PT 20 S4 Q15

Prepare for the LSAT or discuss it with others in this forum.
User avatar
New_Spice180

Bronze
Posts: 127
Joined: Mon Feb 08, 2016 11:01 am

PT 20 S4 Q15

Postby New_Spice180 » Tue Jun 28, 2016 12:37 pm

This is an interesting question! I actually answered this correctly and I thought I had it but when I saw the explanations they're saying it's a A(Ronda goes)> B(Paul goes)> C (Ted goes) that strikes me as strange! I saw unless, so I negated the sufficient and got (Ted doesn't go)>(Paul won't go) therefore Ronda won't go, which led me to the correct answer choice. My problem is that the A>B>C relationship, doesn't that essentially say B (Paul going) is sufficient for Ted to go, which isn't what the stimulus is saying? I'm lost, HELP!

User avatar
Blueprint Mithun

Bronze
Posts: 456
Joined: Mon Sep 14, 2015 1:54 pm

Re: PT 20 S4 Q15

Postby Blueprint Mithun » Wed Jul 06, 2016 2:04 pm

New_Spice180 wrote:This is an interesting question! I actually answered this correctly and I thought I had it but when I saw the explanations they're saying it's a A(Ronda goes)> B(Paul goes)> C (Ted goes) that strikes me as strange! I saw unless, so I negated the sufficient and got (Ted doesn't go)>(Paul won't go) therefore Ronda won't go, which led me to the correct answer choice. My problem is that the A>B>C relationship, doesn't that essentially say B (Paul going) is sufficient for Ted to go, which isn't what the stimulus is saying? I'm lost, HELP!

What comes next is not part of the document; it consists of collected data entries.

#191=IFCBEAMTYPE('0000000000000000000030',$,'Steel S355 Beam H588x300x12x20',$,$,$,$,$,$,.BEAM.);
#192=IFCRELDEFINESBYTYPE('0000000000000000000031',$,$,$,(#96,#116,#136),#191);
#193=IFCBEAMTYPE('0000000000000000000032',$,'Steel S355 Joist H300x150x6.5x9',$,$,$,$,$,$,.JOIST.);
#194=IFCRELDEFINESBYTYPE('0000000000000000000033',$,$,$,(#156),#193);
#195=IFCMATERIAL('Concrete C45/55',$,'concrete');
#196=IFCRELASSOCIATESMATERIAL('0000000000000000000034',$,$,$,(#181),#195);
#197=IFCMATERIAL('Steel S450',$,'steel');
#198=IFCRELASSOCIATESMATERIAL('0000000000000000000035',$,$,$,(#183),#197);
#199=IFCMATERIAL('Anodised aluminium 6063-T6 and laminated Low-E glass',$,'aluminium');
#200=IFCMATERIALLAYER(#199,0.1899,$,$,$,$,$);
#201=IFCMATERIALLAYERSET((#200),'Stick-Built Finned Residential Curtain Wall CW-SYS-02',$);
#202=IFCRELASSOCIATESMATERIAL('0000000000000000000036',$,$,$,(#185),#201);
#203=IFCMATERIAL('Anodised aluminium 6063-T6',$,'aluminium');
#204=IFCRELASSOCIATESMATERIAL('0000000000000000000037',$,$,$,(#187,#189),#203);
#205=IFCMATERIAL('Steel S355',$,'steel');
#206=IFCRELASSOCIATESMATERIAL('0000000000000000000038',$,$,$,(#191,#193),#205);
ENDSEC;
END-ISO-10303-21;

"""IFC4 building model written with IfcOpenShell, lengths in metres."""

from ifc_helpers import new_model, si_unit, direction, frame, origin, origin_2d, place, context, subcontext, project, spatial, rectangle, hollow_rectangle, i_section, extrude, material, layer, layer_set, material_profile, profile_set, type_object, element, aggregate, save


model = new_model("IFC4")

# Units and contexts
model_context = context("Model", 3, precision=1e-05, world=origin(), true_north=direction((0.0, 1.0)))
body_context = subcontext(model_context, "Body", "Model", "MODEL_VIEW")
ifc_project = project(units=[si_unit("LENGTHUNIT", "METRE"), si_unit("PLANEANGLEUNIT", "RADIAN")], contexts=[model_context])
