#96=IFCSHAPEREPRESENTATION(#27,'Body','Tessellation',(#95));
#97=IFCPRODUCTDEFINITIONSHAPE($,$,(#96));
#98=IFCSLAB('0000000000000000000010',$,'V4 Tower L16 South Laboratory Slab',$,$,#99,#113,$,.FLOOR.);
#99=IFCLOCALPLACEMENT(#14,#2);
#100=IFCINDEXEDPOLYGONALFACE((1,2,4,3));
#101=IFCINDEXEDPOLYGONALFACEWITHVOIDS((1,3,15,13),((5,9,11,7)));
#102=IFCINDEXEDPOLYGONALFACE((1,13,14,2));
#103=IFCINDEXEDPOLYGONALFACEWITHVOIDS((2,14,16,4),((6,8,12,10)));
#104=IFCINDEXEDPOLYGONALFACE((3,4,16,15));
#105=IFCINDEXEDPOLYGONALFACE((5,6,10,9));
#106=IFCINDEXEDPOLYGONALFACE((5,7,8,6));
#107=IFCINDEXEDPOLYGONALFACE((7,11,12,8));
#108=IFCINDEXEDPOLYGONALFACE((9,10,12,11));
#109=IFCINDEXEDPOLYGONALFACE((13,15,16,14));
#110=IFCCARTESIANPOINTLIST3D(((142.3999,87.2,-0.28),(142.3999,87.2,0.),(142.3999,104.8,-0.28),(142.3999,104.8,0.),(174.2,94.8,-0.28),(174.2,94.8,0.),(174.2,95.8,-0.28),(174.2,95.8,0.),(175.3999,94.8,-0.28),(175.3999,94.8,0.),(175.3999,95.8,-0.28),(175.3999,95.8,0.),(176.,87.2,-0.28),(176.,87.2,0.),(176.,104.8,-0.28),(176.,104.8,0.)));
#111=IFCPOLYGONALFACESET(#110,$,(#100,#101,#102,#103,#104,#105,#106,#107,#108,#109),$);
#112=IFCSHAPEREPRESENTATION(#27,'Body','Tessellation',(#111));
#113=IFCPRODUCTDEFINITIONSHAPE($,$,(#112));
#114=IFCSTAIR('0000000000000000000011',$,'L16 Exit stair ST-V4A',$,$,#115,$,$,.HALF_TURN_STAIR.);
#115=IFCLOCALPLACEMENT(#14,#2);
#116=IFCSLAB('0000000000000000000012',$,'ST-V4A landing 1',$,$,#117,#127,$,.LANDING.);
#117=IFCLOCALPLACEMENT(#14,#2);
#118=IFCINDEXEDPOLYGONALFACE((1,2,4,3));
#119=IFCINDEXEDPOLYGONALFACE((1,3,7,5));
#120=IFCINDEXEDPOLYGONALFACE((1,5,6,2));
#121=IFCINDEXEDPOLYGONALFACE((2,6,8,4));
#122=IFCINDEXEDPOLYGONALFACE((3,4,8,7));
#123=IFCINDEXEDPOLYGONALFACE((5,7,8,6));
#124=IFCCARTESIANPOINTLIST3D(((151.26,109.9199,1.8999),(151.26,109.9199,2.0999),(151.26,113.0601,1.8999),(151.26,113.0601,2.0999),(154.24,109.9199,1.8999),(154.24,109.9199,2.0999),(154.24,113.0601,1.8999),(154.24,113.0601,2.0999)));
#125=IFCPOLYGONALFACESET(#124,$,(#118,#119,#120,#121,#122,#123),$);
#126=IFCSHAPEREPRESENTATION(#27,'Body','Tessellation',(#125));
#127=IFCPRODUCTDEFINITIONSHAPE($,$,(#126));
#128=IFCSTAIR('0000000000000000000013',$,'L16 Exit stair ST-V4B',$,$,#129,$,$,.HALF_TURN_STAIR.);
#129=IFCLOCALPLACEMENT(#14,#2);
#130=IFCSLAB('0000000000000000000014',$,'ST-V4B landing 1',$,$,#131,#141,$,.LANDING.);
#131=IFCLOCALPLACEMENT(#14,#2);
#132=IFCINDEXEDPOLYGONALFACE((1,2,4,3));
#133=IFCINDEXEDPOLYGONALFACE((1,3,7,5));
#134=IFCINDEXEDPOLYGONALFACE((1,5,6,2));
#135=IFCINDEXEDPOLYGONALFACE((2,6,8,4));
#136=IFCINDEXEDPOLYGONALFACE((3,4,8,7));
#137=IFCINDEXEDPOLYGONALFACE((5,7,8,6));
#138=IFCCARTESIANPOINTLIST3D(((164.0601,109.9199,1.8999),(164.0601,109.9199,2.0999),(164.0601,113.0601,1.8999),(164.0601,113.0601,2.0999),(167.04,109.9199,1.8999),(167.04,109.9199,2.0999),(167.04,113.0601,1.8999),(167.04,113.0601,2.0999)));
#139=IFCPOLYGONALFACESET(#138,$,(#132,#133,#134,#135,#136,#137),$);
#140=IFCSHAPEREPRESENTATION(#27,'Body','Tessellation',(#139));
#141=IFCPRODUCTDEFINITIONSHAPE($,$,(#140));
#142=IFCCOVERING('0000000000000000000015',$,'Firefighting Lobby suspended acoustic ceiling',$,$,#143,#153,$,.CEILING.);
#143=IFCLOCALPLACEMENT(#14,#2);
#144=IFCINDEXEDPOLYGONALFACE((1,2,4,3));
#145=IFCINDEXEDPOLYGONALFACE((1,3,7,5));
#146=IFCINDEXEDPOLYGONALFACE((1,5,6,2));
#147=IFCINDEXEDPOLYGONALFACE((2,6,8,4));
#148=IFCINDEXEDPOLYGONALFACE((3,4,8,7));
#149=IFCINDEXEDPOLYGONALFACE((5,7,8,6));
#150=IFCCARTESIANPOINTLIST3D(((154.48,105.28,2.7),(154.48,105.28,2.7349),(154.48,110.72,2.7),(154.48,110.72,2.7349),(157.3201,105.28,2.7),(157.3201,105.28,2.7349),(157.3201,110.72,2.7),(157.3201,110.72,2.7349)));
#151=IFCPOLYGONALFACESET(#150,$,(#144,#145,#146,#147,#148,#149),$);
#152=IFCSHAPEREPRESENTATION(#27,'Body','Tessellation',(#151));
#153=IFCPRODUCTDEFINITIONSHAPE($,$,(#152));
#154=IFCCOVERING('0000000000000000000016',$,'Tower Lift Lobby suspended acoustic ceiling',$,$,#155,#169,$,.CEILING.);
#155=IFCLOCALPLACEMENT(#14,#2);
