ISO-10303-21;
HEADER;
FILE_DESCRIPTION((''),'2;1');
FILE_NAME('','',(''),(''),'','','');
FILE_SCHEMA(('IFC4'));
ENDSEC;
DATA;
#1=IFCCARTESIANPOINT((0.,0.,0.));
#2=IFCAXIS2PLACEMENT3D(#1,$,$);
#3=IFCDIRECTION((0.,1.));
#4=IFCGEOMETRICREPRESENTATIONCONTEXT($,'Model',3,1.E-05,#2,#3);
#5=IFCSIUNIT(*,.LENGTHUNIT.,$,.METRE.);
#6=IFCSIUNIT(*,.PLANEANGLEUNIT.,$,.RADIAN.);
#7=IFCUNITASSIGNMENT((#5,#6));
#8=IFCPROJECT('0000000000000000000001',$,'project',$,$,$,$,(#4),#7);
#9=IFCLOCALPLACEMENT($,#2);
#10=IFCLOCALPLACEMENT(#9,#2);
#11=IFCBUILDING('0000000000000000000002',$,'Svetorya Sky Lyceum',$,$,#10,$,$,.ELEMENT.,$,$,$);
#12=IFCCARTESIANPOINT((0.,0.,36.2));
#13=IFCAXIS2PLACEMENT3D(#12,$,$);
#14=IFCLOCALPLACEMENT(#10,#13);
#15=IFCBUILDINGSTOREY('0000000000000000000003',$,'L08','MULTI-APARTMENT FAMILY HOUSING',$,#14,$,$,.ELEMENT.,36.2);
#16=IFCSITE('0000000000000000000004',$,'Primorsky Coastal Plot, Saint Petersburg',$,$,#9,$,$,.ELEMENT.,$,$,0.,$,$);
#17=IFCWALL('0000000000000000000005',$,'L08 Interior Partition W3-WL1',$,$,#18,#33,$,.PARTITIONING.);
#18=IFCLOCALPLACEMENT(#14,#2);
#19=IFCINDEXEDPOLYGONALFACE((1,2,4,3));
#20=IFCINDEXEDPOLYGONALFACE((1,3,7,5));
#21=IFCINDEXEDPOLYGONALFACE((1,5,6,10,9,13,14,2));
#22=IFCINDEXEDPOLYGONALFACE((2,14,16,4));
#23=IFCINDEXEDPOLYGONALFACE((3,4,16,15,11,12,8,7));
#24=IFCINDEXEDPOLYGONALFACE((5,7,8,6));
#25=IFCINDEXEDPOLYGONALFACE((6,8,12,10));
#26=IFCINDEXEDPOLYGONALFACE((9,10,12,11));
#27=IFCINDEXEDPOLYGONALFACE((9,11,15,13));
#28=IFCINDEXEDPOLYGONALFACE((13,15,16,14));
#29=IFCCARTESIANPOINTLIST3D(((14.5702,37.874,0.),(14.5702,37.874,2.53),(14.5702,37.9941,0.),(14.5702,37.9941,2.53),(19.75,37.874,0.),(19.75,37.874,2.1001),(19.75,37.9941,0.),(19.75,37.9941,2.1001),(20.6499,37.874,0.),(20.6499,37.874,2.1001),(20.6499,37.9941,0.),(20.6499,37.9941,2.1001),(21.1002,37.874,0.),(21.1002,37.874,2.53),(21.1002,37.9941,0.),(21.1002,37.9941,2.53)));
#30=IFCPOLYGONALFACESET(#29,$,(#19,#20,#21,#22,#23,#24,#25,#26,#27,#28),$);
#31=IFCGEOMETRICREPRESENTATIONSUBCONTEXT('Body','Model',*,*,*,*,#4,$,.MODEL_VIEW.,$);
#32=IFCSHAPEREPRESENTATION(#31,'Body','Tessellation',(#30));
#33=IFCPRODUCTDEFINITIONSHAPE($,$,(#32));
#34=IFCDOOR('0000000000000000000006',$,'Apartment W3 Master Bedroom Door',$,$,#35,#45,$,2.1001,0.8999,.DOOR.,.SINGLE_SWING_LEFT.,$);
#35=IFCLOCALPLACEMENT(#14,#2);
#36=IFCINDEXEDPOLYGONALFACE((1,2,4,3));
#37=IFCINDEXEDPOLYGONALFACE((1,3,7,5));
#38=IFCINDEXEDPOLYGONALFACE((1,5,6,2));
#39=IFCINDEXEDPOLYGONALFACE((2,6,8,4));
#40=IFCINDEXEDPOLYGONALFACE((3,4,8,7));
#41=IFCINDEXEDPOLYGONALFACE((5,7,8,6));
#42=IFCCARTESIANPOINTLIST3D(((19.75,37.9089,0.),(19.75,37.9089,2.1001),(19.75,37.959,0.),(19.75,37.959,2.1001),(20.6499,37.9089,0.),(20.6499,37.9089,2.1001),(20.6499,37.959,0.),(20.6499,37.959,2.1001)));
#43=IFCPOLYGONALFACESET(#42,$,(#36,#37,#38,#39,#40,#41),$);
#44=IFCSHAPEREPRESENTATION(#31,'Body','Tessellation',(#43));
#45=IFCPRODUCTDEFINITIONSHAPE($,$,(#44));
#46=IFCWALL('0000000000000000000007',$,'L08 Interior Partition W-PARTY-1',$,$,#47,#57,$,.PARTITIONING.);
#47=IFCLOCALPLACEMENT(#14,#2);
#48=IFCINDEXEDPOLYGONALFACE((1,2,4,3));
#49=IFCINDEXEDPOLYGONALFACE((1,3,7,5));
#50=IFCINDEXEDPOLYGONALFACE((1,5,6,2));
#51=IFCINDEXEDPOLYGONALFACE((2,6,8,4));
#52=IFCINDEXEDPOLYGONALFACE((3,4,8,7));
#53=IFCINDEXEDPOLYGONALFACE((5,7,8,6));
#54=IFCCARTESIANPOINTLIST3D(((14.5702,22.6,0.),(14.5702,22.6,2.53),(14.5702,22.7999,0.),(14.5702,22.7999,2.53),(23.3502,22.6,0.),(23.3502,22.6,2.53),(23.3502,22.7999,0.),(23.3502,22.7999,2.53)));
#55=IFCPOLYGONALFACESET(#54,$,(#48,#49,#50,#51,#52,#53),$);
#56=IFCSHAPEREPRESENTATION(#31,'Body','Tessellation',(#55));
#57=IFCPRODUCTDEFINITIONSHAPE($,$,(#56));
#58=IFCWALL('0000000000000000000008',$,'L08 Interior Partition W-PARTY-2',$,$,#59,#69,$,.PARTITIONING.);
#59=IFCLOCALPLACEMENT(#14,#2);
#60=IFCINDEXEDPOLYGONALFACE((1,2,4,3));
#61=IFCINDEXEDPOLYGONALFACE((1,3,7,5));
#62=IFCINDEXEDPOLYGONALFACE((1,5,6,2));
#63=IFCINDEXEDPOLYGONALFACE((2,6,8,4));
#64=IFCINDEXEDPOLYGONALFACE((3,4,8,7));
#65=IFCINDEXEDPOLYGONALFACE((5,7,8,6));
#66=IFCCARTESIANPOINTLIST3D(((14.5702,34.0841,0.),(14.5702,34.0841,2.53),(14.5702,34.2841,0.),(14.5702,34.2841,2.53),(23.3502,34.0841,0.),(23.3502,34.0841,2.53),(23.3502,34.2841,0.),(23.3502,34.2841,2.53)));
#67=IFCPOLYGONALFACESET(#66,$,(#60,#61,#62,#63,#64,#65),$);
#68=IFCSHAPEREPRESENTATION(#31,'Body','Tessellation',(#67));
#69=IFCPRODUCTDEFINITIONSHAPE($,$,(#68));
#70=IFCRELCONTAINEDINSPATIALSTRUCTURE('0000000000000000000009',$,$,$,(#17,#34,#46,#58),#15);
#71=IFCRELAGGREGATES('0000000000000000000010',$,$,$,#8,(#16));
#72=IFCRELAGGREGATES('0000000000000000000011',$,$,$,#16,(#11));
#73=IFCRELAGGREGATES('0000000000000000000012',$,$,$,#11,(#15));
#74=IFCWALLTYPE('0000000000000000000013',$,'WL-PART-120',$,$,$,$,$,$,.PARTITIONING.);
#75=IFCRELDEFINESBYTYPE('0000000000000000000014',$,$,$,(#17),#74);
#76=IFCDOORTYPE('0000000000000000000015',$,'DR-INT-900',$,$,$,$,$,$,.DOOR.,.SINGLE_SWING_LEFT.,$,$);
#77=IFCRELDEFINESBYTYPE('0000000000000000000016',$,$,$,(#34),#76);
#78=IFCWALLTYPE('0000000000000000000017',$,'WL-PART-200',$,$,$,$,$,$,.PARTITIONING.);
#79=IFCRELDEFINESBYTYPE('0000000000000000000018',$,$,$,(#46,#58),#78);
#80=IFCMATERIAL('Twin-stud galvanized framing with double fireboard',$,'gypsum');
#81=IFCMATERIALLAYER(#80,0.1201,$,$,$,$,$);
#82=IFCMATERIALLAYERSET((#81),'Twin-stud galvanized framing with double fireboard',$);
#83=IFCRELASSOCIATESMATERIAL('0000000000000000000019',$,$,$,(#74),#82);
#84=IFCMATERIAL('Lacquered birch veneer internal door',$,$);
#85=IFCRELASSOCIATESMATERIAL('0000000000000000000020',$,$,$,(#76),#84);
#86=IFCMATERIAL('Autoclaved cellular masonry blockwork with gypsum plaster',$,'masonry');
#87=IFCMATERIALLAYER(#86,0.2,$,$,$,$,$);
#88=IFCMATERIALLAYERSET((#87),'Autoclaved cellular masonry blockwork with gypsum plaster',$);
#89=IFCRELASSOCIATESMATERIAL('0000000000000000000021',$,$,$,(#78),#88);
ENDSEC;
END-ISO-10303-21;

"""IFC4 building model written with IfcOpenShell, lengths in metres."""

from ifc_helpers import new_model, si_unit, direction, frame, frame_2d, origin, place, context, subcontext, project, spatial, rectangle, extrude, material, layer, layer_set, type_object, element, fill, save


model = new_model("IFC4")

# Units and contexts
model_context = context("Model", 3, precision=1e-05, world=origin(), true_north=direction((0.0, 1.0)))
body_context = subcontext(model_context, "Body", "Model", "MODEL_VIEW")
ifc_project = project(units=[si_unit("LENGTHUNIT", "METRE"), si_unit("PLANEANGLEUNIT", "RADIAN")], contexts=[model_context])

# Site, building, storey
site_placement = place(None, origin())
site = spatial("IfcSite", under=ifc_project, at=site_placement, Name="Primorsky Coastal Plot, Saint Petersburg", CompositionType="ELEMENT", RefElevation=0.0)
building_placement = place(site_placement, origin())
building = spatial("IfcBuilding", under=site, at=building_placement, Name="Svetorya Sky Lyceum", CompositionType="ELEMENT")
storey_placement = place(building_placement, frame((0.0, 0.0, 36.2)))
storey = spatial("IfcBuildingStorey", under=building, at=storey_placement, Name="L08", Description="MULTI-APARTMENT FAMILY HOUSING", CompositionType="ELEMENT", Elevation=36.2)

# Wall, opening, door
ifc_material_1 = material(Name="Twin-stud galvanized framing with double fireboard", Category="gypsum")
ifc_layer_1 = layer(ifc_material_1, 0.1201)
ifc_layer_set_1 = layer_set([ifc_layer_1], Name="Twin-stud galvanized framing with double fireboard")
wall_type_1 = type_object("IfcWallType", Name="WL-PART-120", PredefinedType="PARTITIONING", material=ifc_layer_set_1)
ifc_material_2 = material(Name="Lacquered birch veneer internal door")
door_type_1 = type_object("IfcDoorType", Name="DR-INT-900", OperationType="SINGLE_SWING_LEFT", PredefinedType="DOOR", material=ifc_material_2)
wall_1_placement = place(storey_placement, frame((14.5701, 37.9341, 0.0), z_axis=(0.0, 0.0, 1.0), x_axis=(1.0, 0.0, 0.0)))
wall_1 = element("IfcWall", 1, at=wall_1_placement, inside=storey, type_object=wall_type_1, Name="L08 Interior Partition W3-WL1", PredefinedType="PARTITIONING", context=body_context, shape_type="SweptSolid", body=[
    extrude(rectangle(XDim=6.53, YDim=0.1201, at=frame_2d((3.2651, 0.0))), origin(), (0.0, 0.0, 1.0), 2.53),
])
opening_1_placement = place(wall_1_placement, frame((5.1799, 0.0, 0.0)))
opening_1 = element("IfcOpeningElement", 2, at=opening_1_placement, cuts=wall_1, PredefinedType="OPENING", context=body_context, shape_type="SweptSolid", body=[
    extrude(rectangle(XDim=0.8999, YDim=2.1001, at=frame_2d((0.45, 1.05))), frame((0.0, 0.0701, 0.0), z_axis=(0.0, -1.0, 0.0), x_axis=(1.0, 0.0, 0.0)), (0.0, 0.0, 1.0), 0.1401),
])
door_1_placement = place(opening_1_placement, origin())
door_1 = element("IfcDoor", 3, at=door_1_placement, inside=storey, type_object=door_type_1, Name="Apartment W3 Master Bedroom Door", OperationType="SINGLE_SWING_LEFT", OverallHeight=2.1001, OverallWidth=0.8999, PredefinedType="DOOR", context=body_context, shape_type="SweptSolid", body=[
    extrude(rectangle(XDim=0.8999, YDim=2.1001, at=frame_2d((0.45, 1.05))), frame((0.0, 0.0249, 0.0), z_axis=(0.0, -1.0, 0.0), x_axis=(1.0, 0.0, 0.0)), (0.0, 0.0, 1.0), 0.05),
])
fill(opening_1, door_1)

# Walls
ifc_material_3 = material(Name="Autoclaved cellular masonry blockwork with gypsum plaster", Category="masonry")
ifc_layer_2 = layer(ifc_material_3, 0.2)
ifc_layer_set_2 = layer_set([ifc_layer_2], Name="Autoclaved cellular masonry blockwork with gypsum plaster")
wall_type_2 = type_object("IfcWallType", Name="WL-PART-200", PredefinedType="PARTITIONING", material=ifc_layer_set_2)
for number, where, z_axis, x_axis, name in (
    (4, (14.5701, 22.7, 0.0), (0.0, 0.0, 1.0), (1.0, 0.0, 0.0), "L08 Interior Partition W-PARTY-1"),
    (5, (14.5701, 34.1841, 0.0), (0.0, 0.0, 1.0), (1.0, 0.0, 0.0), "L08 Interior Partition W-PARTY-2"),
):
    element("IfcWall", number, at=place(storey_placement, frame(where, z_axis=z_axis, x_axis=x_axis)), inside=storey, type_object=wall_type_2, Name=name, PredefinedType="PARTITIONING", context=body_context, shape_type="SweptSolid", body=[
        extrude(rectangle(XDim=8.78, YDim=0.2, at=frame_2d((4.3901, 0.0))), origin(), (0.0, 0.0, 1.0), 2.53),
    ])

save(model, "model.ifc")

No, that is what the stimulus is saying, albeit in a different order. Like you said, if Ted doesn't go, then Paul won't go. The contrapositive of this is that if Paul goes, then Ted goes. Paul going is contingent on Ted going, thus Ted going is the necessary condition for Paul going. Ted HAS to go for Paul to go - therefore, if Paul is going, then Ted is definitely going well.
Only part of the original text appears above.